Prove that Laplace's equation $\Delta u = 0$ is rotation invariant; that is, if $O$ is an orthogonal $n\times n$ matrix and we define
$$ v(x) := u(Ox) \quad (x \in \mathbb{R}^n)$$ then $\Delta v = 0$.
I wanted to see if what I had below was correct and complete. Any feedback on rigor is greatly appreciated.

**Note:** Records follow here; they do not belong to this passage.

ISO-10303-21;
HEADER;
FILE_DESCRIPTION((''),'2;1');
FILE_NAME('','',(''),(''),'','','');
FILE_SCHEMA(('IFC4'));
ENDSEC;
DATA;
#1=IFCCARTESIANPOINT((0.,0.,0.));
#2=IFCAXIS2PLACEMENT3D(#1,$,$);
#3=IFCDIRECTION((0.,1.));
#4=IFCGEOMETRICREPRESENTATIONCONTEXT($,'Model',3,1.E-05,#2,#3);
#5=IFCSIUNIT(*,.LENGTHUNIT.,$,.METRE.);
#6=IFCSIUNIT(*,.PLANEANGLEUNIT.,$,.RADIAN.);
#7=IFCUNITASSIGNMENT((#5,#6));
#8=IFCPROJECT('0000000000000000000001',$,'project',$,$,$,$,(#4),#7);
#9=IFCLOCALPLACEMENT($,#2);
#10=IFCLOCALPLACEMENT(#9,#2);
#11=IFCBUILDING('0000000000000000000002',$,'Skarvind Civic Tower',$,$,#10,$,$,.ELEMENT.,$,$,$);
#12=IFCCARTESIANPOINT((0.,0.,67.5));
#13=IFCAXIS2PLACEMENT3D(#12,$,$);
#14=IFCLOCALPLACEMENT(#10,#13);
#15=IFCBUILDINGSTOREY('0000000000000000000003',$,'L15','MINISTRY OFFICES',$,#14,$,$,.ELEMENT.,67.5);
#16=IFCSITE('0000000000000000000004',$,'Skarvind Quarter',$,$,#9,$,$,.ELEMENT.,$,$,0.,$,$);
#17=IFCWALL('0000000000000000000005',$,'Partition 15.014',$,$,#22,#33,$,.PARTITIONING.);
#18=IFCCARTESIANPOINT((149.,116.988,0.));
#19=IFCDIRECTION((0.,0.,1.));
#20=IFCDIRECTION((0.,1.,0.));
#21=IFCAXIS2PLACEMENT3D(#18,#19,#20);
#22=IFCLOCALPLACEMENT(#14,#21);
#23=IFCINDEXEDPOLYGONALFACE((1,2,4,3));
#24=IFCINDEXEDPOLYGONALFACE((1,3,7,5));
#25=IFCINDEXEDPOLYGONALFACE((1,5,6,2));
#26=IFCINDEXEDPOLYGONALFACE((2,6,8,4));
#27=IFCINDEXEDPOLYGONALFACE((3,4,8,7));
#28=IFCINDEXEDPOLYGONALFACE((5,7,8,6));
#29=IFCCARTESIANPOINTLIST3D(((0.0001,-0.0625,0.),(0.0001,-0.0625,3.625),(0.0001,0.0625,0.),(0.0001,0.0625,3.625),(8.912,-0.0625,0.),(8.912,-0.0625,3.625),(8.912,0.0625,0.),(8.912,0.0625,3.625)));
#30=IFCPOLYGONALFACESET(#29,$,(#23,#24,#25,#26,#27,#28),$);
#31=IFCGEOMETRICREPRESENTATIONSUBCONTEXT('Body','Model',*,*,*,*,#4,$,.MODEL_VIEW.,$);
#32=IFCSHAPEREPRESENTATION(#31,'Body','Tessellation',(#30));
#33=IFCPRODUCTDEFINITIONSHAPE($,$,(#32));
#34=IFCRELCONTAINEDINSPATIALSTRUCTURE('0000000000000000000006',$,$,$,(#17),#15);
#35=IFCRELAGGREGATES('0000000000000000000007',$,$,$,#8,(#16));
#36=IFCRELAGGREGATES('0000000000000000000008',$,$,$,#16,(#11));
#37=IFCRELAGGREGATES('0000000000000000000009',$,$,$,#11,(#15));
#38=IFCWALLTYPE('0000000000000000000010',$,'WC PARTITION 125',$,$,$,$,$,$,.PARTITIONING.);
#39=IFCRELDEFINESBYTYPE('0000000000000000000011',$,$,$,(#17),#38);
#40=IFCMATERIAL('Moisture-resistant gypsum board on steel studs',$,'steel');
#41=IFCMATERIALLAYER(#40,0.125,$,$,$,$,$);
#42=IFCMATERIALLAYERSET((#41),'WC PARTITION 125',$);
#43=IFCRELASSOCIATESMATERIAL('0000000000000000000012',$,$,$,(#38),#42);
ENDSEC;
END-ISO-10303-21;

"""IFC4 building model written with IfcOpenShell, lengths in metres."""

from ifc_helpers import new_model, si_unit, direction, frame, frame_2d, origin, place, context, subcontext, project, spatial, rectangle, extrude, material, layer, layer_set, type_object, element, save


model = new_model("IFC4")

# Units and contexts
model_context = context("Model", 3, precision=1e-05, world=origin(), true_north=direction((0.0, 1.0)))
body_context = subcontext(model_context, "Body", "Model", "MODEL_VIEW")
ifc_project = project(units=[si_unit("LENGTHUNIT", "METRE"), si_unit("PLANEANGLEUNIT", "RADIAN")], contexts=[model_context])

# Site, building, storey
site_placement = place(None, origin())
site = spatial("IfcSite", under=ifc_project, at=site_placement, Name="Skarvind Quarter", CompositionType="ELEMENT", RefElevation=0.0)
building_placement = place(site_placement, origin())
building = spatial("IfcBuilding", under=site, at=building_placement, Name="Skarvind Civic Tower", CompositionType="ELEMENT")
storey_placement = place(building_placement, frame((0.0, 0.0, 67.5)))
storey = spatial("IfcBuildingStorey", under=building, at=storey_placement, Name="L15", Description="MINISTRY OFFICES", CompositionType="ELEMENT", Elevation=67.5)

# Shared definitions
ifc_material_1 = material(Name="Moisture-resistant gypsum board on steel studs", Category="steel")
ifc_layer_1 = layer(ifc_material_1, 0.125)
ifc_layer_set_1 = layer_set([ifc_layer_1], Name="WC PARTITION 125")
wall_type_1 = type_object("IfcWallType", Name="WC PARTITION 125", PredefinedType="PARTITIONING", material=ifc_layer_set_1)

# Wall
wall_1_placement = place(storey_placement, frame((149.0, 116.988, 0.0), z_axis=(0.0, 0.0, 1.0), x_axis=(0.0, 1.0, 0.0)))
element("IfcWall", 1, at=wall_1_placement, inside=storey, type_object=wall_type_1, Name="Partition 15.014", PredefinedType="PARTITIONING", context=body_context, shape_type="SweptSolid", body=[
    extrude(rectangle(XDim=8.9119, YDim=0.125, at=frame_2d((4.4561, 0.0))), origin(), (0.0, 0.0, 1.0), 3.625),
])

save(model, "model.ifc")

In cartesian coordinates, we have $\Delta u = \sum_{i = 1}^n \frac{\partial^2 u}{\partial x_i^2}$. Letting the $i$th row and $j$th column of the matrix $O$ be $a_{ij}$ we have
\begin{equation} \frac{\partial v}{\partial x_j} = \sum_{i =1}^n\frac{\partial u}{\partial x_i}a_{ij} \end{equation}
Thus, \begin{equation} \frac{\partial^2 v}{\partial x_j^2} = \sum_{i =1}^n\sum_{k = 1}^n\frac{\partial^2 u}{\partial x_i\partial x_k}a_{ij}a_{kj} \end{equation}
Therefore: \begin{align} \Delta v &= \sum_{j = 1}^n \frac{\partial^2 v}{\partial x_j^2}\\ &= \sum_{j = 1}^n \left(\sum_{i =1}^n\sum_{k = 1}^n\frac{\partial^2 u}{\partial x_i\partial x_k}a_{ij}a_{kj}\right)\\ &= \sum_{i =1}^n\sum_{k = 1}^n\left(\sum_{j = 1}^n \frac{\partial^2 u}{\partial x_i\partial x_k}a_{ij}a_{kj}\right)\\ &= \sum_{i =1}^n\sum_{k = 1}^n \frac{\partial^2 u}{\partial x_i\partial x_k}\left(\sum_{j = 1}^na_{ij}a_{kj}\right)\\ &=\sum_{i =1}^n\sum_{k = 1}^n \frac{\partial^2 u}{\partial x_i\partial x_k}\delta_{i, k}\\ &= \sum_{i =1}^n\frac{\partial^2 u}{\partial x_i^2} = 0 \end{align}